Book Review – Gathered in One, by Bradley J. Kramer

Book Review: Gathered in One – How the Bookof Mormon Counters Anti-Semitism in the New Testament, by Bradley J. Kramer

Gathered in One: How the Book of Mormon Counters Anti-Semitism in the New Testament

Ever since the Romans sacked Jerusalem in 70 AD, Jews have been a hiss and a by-word of the nations.With the temple destroyed and Jews scattered throughout the Empire, there was not much hope for them to recover. In hopes of completely eliminating the Jews from memory, the Romans eventually renamed the city and repopulated it with other peoples.

Jews faced pogroms in Russia and Poland. We all remember the look on Tevye’s face (played by Topol) in Fiddler on the Roof, as his oldest daughter’s marriage feast is ransacked by Russian soldiers, or when they were forced to leave their village, Anatevka. In reality, this forced pilgrimage occurred in hundreds of villages throughout Russia.

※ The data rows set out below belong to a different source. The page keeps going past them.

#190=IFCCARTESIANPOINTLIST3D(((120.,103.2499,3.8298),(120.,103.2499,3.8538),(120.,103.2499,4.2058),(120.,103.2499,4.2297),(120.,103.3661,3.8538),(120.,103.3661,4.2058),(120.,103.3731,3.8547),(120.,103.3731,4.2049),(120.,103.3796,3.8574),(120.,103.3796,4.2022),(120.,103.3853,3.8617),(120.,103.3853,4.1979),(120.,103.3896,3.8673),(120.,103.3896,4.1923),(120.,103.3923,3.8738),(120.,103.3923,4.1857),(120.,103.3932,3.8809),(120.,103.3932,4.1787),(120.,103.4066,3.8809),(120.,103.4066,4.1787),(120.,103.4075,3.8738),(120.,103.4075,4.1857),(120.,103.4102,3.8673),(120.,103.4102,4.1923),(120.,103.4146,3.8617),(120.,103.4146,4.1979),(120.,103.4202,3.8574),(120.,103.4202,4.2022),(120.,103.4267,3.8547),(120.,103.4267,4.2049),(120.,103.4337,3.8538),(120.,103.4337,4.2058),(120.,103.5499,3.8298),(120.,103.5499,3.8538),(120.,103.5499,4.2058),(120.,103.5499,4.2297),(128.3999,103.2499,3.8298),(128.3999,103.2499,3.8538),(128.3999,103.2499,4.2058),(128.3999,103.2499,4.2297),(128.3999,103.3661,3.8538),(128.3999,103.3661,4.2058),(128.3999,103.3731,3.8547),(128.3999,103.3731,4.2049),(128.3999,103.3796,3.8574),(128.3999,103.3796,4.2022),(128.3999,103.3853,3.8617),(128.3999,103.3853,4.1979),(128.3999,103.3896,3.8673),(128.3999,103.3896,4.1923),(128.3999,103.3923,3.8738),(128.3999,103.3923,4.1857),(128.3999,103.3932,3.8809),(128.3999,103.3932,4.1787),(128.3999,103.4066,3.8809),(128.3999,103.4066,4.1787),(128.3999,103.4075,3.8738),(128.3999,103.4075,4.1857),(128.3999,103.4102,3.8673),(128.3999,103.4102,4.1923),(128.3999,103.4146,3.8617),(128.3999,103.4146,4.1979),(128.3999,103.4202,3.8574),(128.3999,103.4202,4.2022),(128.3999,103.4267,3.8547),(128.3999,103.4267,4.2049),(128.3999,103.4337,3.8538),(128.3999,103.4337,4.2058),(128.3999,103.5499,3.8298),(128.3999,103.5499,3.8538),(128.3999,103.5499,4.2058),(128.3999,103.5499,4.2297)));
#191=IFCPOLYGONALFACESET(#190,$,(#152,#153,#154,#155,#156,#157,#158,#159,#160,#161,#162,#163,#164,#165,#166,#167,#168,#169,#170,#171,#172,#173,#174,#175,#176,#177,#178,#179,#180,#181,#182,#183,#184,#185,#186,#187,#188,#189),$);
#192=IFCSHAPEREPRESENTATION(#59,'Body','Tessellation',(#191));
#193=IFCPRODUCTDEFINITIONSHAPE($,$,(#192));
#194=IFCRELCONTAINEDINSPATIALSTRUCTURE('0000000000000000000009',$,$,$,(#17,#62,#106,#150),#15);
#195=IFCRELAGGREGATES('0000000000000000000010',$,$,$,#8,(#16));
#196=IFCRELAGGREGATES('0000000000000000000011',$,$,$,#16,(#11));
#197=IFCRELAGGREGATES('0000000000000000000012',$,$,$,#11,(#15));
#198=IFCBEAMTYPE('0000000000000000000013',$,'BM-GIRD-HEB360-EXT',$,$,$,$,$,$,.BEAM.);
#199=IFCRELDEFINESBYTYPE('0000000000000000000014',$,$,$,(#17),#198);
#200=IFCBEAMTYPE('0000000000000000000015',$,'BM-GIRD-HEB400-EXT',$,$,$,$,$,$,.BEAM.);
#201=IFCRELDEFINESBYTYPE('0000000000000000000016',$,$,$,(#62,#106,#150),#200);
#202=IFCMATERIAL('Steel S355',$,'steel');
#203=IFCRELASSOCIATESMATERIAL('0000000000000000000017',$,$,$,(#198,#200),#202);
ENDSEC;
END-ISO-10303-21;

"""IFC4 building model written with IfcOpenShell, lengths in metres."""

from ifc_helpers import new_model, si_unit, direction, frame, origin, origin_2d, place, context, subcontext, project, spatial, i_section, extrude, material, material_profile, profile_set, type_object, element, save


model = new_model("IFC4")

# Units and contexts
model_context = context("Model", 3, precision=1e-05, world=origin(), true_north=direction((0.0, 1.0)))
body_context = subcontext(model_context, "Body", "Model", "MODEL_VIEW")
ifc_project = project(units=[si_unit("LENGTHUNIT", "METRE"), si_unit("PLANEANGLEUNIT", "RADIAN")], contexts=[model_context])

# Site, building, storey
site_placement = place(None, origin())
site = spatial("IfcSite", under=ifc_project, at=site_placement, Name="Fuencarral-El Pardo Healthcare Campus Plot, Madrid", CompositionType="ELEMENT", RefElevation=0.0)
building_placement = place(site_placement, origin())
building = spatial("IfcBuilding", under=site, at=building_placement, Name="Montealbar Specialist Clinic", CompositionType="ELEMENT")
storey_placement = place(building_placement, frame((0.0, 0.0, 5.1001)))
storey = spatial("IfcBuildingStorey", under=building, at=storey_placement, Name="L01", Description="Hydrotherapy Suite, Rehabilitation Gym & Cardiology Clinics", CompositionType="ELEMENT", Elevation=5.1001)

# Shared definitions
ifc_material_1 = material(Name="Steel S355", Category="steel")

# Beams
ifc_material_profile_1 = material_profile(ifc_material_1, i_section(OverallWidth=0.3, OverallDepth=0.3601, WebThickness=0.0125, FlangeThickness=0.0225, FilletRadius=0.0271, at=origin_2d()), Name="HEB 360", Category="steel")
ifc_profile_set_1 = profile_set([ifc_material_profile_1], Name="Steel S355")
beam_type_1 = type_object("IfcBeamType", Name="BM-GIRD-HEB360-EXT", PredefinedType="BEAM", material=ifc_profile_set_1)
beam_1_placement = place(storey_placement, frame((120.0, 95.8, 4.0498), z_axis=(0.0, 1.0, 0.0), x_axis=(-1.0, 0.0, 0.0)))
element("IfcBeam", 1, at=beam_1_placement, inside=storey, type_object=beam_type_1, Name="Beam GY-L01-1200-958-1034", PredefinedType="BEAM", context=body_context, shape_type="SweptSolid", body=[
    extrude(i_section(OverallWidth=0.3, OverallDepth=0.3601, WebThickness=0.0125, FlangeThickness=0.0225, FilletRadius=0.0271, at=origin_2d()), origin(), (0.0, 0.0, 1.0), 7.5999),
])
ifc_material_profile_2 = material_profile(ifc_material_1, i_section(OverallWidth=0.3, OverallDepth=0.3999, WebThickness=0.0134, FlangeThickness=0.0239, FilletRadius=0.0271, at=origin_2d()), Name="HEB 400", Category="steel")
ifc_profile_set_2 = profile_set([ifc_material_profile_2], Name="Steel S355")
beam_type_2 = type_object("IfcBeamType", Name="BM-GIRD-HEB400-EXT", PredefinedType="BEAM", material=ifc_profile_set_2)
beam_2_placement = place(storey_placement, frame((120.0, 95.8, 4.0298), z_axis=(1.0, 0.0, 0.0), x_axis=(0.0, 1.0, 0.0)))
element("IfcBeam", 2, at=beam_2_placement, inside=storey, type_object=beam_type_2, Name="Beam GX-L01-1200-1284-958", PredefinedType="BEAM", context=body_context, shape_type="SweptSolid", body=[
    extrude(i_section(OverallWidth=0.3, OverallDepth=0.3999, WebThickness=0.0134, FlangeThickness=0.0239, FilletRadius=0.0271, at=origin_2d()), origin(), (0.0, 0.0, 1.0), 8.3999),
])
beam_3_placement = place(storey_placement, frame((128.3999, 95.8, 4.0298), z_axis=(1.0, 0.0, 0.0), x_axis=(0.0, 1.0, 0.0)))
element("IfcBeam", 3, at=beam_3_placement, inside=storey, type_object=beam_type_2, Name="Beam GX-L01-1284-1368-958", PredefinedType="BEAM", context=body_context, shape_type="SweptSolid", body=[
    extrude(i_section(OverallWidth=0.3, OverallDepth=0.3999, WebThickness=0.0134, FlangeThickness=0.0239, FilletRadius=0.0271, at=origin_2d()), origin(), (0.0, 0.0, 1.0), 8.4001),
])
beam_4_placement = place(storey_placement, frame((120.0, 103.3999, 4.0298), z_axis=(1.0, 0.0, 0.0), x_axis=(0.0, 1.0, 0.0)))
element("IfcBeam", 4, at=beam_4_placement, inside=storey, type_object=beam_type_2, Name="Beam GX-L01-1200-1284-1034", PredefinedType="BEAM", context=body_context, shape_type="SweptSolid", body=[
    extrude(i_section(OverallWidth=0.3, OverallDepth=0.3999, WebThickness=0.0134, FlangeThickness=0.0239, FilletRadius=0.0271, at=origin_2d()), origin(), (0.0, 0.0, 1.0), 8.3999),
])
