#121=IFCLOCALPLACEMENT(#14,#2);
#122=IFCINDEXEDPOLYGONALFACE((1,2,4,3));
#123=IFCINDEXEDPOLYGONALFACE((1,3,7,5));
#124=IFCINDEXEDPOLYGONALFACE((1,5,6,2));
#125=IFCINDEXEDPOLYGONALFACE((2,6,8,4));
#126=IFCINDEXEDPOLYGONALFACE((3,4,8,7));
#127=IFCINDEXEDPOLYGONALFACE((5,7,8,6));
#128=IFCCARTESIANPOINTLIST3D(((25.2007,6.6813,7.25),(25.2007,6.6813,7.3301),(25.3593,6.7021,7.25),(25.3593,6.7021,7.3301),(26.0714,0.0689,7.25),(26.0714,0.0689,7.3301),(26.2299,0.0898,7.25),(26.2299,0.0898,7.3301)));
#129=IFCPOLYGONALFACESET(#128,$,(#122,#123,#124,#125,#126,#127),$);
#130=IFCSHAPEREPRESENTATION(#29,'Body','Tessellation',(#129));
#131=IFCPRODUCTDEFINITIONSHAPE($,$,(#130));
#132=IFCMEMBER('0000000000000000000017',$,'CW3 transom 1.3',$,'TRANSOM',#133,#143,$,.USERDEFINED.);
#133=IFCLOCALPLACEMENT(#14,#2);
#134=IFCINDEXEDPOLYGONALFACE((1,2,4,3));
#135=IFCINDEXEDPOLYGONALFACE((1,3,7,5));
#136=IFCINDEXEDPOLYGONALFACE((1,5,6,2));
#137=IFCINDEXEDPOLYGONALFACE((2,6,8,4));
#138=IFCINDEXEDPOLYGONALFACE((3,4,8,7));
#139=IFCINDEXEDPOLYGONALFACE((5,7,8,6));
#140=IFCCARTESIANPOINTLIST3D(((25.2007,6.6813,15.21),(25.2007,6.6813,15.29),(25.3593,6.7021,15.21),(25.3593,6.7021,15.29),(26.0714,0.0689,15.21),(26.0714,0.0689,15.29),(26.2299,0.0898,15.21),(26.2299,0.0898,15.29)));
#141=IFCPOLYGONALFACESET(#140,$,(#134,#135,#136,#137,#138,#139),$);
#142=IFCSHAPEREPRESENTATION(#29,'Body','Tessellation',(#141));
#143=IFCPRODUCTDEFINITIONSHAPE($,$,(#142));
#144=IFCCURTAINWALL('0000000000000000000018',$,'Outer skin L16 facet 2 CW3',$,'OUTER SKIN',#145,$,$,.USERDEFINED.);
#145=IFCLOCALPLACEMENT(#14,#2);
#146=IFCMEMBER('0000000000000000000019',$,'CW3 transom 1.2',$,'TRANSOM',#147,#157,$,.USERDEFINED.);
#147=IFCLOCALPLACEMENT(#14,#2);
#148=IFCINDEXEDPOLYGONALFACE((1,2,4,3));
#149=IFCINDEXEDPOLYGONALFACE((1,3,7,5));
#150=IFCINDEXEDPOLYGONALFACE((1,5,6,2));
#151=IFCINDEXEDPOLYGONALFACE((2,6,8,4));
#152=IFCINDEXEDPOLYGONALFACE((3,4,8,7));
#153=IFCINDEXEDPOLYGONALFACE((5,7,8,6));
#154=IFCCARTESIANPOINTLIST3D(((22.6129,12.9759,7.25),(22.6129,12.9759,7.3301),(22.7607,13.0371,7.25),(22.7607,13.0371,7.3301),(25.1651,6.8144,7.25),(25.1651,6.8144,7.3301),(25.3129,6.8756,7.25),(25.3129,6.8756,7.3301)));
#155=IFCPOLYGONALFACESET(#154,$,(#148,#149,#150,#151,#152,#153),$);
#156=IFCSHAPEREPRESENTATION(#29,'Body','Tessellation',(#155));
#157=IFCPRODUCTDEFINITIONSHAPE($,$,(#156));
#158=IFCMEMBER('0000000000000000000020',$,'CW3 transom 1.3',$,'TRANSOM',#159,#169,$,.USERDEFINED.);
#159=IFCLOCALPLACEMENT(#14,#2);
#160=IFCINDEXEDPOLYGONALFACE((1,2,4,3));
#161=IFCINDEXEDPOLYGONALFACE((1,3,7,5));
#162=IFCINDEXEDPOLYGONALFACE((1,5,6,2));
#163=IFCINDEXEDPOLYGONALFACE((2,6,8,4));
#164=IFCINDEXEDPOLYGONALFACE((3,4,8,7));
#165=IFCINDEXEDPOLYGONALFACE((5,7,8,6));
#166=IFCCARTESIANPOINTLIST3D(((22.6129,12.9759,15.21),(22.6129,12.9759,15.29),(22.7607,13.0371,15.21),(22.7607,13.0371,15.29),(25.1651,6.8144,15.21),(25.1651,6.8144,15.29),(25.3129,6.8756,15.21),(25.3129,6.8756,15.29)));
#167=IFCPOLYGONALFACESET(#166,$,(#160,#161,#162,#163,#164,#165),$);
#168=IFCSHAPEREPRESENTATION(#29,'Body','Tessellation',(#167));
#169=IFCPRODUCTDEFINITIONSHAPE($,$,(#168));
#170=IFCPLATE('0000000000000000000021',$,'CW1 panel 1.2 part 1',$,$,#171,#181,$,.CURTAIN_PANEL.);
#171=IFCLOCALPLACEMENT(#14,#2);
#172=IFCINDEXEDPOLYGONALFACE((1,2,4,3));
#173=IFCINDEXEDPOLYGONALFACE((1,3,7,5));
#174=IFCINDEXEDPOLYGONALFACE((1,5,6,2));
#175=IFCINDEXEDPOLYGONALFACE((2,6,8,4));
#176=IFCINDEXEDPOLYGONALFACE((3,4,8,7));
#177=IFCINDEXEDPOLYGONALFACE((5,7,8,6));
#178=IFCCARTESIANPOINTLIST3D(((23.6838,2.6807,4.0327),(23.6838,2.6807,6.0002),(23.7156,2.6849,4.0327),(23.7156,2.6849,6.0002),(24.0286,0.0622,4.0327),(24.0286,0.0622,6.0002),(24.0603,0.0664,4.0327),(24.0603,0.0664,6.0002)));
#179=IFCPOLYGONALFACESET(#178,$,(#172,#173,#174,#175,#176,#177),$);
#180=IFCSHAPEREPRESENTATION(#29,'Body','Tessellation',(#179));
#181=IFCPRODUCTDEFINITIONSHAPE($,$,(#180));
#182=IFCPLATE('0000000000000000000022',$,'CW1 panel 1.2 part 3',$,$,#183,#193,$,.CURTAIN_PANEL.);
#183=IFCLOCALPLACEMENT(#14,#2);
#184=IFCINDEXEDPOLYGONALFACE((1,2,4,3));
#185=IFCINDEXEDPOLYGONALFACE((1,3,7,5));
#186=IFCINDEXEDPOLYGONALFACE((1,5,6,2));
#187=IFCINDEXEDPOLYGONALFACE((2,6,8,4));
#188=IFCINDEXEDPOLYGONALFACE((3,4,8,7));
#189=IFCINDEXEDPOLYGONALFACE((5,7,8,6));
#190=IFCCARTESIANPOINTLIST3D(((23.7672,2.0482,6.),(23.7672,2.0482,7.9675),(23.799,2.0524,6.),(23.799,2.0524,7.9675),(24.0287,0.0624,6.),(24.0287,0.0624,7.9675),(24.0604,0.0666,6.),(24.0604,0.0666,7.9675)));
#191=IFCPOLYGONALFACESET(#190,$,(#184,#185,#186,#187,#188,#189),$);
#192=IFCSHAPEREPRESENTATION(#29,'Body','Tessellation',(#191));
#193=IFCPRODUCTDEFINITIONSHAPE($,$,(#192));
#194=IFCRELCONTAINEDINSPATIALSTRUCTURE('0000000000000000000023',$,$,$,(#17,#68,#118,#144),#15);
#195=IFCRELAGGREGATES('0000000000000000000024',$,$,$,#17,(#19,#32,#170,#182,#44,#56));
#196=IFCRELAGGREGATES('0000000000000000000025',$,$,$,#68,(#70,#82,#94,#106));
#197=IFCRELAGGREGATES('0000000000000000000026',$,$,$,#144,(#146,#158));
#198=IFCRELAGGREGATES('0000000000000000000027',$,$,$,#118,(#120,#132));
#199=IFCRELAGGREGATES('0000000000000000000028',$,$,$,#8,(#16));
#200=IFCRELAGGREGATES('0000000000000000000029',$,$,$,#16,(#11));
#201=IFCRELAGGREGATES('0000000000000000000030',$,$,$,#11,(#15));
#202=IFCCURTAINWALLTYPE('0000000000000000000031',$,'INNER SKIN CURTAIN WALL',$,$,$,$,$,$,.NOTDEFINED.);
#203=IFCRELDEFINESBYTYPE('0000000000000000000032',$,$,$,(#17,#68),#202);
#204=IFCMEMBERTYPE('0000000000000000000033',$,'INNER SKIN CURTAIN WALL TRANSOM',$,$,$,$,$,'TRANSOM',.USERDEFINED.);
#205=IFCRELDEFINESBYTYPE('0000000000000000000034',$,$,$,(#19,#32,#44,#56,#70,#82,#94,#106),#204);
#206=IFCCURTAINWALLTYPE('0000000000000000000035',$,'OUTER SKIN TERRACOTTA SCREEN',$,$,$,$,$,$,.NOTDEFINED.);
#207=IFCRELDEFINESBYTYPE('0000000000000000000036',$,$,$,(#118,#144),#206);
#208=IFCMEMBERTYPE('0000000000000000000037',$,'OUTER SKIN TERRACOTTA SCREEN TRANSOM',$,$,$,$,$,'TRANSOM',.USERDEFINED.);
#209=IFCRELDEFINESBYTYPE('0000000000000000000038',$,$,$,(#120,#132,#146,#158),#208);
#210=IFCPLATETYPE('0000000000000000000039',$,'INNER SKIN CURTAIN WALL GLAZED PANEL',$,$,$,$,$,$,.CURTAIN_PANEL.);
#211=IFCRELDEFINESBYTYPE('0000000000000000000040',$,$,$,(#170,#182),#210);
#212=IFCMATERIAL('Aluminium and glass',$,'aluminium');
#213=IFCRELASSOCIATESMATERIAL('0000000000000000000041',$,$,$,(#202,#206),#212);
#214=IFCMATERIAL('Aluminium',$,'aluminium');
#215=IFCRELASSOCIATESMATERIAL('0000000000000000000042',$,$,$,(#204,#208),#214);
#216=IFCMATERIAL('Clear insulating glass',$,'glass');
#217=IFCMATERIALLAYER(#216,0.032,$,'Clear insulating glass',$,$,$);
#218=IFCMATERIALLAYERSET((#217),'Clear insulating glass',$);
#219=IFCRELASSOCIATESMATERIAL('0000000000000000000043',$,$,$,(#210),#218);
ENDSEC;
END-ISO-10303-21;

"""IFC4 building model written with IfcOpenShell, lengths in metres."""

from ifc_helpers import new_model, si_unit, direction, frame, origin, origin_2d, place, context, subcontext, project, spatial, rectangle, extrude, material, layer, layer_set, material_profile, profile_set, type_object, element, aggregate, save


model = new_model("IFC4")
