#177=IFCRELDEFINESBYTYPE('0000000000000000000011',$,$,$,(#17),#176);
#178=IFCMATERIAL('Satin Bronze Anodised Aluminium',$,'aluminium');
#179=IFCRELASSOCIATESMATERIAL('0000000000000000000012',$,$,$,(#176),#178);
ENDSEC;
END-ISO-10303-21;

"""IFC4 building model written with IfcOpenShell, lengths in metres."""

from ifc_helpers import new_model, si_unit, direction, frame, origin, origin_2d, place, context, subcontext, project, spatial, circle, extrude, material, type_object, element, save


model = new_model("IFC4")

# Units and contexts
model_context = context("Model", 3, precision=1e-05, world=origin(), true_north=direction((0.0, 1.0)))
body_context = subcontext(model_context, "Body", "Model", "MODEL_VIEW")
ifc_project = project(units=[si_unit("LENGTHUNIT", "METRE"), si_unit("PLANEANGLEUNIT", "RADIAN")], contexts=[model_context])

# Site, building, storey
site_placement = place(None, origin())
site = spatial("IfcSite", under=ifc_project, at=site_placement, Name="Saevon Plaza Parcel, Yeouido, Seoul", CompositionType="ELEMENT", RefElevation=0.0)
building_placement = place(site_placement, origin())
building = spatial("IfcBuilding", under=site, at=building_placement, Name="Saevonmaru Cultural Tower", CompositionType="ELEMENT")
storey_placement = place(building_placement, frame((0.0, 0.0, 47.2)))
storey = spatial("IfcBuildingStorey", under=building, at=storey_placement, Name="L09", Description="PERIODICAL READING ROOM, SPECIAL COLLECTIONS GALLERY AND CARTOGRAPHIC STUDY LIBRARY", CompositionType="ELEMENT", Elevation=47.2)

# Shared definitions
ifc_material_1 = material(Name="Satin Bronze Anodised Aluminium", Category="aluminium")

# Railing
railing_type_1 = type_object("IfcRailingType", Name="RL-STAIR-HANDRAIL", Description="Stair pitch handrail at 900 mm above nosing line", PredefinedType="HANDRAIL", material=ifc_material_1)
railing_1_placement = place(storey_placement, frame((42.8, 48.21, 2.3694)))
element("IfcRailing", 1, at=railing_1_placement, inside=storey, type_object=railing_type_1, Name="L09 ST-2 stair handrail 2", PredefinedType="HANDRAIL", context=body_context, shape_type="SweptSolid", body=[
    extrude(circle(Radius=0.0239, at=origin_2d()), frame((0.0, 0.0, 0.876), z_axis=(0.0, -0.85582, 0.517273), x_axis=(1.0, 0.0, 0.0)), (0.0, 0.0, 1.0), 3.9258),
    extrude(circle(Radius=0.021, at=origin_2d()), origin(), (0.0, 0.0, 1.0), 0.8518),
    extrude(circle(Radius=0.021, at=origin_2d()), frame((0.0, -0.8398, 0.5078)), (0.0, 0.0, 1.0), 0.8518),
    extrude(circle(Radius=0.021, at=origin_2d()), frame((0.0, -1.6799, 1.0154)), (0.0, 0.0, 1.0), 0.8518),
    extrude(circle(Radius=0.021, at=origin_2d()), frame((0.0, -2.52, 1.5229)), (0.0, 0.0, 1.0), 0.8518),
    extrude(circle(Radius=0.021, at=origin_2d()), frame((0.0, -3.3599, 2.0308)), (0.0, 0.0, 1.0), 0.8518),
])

The Spanish Inquisition tortured Jews into converting into Christianity, dying, or fleeing into yet another exile. Hitler blamed Germany’s problems on the Jews, who were treated as chattel and marched into gas chambers by the millions. To this very day, anti-semitism threatens Jews throughout much of the world.

This anti-semitism comes to us, in part, from the New Testament. In his book, “Gathered in One,” Bradley J. Kramer discusses how the New Testament, and especially the Gospels and Acts put full blame on the Jews for the death of Jesus. He doesn’t stop there. He then explains how the Book of Mormon counters that anti-semitism, not by trying to smooth it over, but by addressing it directly.

“Gathered in One” is about 150 pages long, and contains the following chapters:

  1. Gathered in One
  2. A Book Proceeded Forth
  3. A Record to Establish the Truth of the First
  4. We Did Observe to Keep the Commandments
  5. “Think Not That I Am Come to Destroy the Law”
  6. That the Last May Be First, and the First May Be Last
  7. I Will Gather Them In

“The Book of Mormon is unique. Simply as literature, it stands alone.”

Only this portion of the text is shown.